Molecular diagnostic tools to authenticate botanical ingredients
The Natural Health Products Research Alliance is looking for botanical brands to help create verification standards for natural health products.
The consumer demand for natural products drives their need for research of products’ botanical ingredients. When developing products in the relatively new natural products industry, transparency, safety and efficacy are key elements to building consumer trust. Though botanicals have been used by people for thousands of years as a source of food and medicine, limited resources are allocated to finding the true identity of many botanicals. Plants, like people, can share similar appearance and traits, but can be different in other ways. When it comes to botanicals used as ingredients in food or medicine, brands must properly identify them, so that they may be certain of their intended interactions and desired efficacy. To date, much of this research has been conducted by academia, which has limited resources.
The Alliance
Transparency within global quality control (QC) systems demands third-party engagement with academicians who provide novel perspectives from cutting-edge research and biotechnology. The University of Guelph, a comprehensive public research university in Guelph, Canada, works with companies that develop and manufacture natural products to help establish The Natural Health Products (NHP) Research Alliance, to create mutually agreed upon standards for ingredient authenticity.
The NHP Research Alliance is a collaborative resource working with the natural products industry and its stakeholders to create verification standards in molecular diagnostic testing including the creation of a global standard biological reference material (RM) DNA and metabolomic libraries for natural health products.
Driven by leading industry partners and researchers, the Alliance uses novel molecular diagnostic tools to tackle major issues in ingredient authentication that challenge the natural health product industry. The Alliance members’ goal is to create tools underpinned by rigorous science to ensure consumers are getting authentic ingredients within the products they seek for a healthy life style.
A Catalyst for Change
The catalyst for this changing industry is a disruptive molecular biotechnology that has been used to reveal adulteration in the supply chain of natural ingredients. The product security solution is to develop this biotechnology as an on-site tool that ensures the species ingredient supply chain is tested at all stages from farmer to supplier, manufacturer, distributor and consumer in a transparent blockchain ledger of validated tests. It is an honest system with positive/negative test results verified by a third-party cloud server linked to vouchered herbarium collections that are curated by University of Guelph NHP Research Alliance scientists.
Technology in Practice
The stakeholders in this initiative include regulatory bodies that ensure rigorous methods through beta testing and multi-lab validated studies.
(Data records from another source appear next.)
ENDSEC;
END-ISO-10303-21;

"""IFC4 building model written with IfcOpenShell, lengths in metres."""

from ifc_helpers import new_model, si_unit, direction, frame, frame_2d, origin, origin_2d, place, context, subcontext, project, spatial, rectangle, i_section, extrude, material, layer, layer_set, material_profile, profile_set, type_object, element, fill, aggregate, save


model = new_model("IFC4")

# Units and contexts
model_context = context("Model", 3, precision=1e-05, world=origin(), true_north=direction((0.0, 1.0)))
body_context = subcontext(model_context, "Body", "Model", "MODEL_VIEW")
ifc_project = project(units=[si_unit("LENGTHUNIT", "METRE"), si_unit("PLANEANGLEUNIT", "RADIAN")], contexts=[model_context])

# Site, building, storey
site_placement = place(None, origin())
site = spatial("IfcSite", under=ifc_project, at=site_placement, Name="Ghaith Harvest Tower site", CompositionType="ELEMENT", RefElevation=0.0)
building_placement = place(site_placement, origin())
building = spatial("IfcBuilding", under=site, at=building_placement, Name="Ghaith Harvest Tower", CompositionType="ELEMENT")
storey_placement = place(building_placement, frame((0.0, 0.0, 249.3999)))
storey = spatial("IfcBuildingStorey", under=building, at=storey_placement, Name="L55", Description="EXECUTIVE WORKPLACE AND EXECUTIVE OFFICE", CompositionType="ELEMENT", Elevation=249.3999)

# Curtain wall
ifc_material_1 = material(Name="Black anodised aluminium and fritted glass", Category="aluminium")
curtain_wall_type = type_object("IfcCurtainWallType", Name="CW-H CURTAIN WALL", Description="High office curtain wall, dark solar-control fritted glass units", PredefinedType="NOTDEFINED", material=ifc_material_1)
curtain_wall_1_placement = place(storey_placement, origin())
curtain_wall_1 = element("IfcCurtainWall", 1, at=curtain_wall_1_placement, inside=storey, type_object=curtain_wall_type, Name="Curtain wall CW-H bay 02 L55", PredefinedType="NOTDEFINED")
Although it sounds like a futuristic daunting task, the first portable molecular diagnostic tool (Hyris bCUBE) co-developed by the NHP Research Alliance is in a beta version at Herbalife Nutrition and several other leading industry partners. The vision is to have this type of portable molecular biotechnology used on-site throughout the supply chain by industry stakeholders as it is expediting testing from a 10-day turn-around-time to 1 hour with greatly reduced costs for species identity testing.
Next Steps
The alliance has set out to enhance current industry standards with testing protocols that identify chemicals with genomic tests that capture the inherent diversity of life that defines species ingredients. The use of both methods provides a powerful tool for quality assurance (QA) methods that addresses authenticity and quality. However, both tools need to be anchored in vouchered herbarium collections, with DNA RM sequences, and these do not exist for all ingredients, nor are they available for botanical extracts, which are commonly traded in our supply chain of ingredients. In developing an extensive standard biological reference material DNA and metabolomic library for natural ingredients, the Alliance will house thousands of industry-sponsored samples, creating an accurate resource for developing and producing trusted products.
The Alliance is looking for more companies to join the vision for natural ingredients that sustain healthy lifestyles because everyone deserves honest ingredients that match their expectations from labels on our preferred and trusted brands.
As director of the NHP Research Alliance, Steven Newmaster, Ph.D., serves as a catalyst between molecular diagnostic scientific research and industry tools to support quality assurance (QA) in botanicals and probiotic ingredients used in food and natural health products. His mission is to assemble and share knowledge of medicinal plants and to democratize molecular biology so that it is accessible to society-at-large. He leads his research team in constructing a botanical ingredient reference library and the development of a transparent blockchain of DNA identity tests that represents authentic ingredients in the supply chain from producer, supplier, manufacturer, distributor and finally the consumer. The Newmaster lab is located at the University of Guelph at the Biodiversity Institute of Ontario where over 7 million DNA sequences for almost 300,000 species have been assembled in the Barcode of Life Database.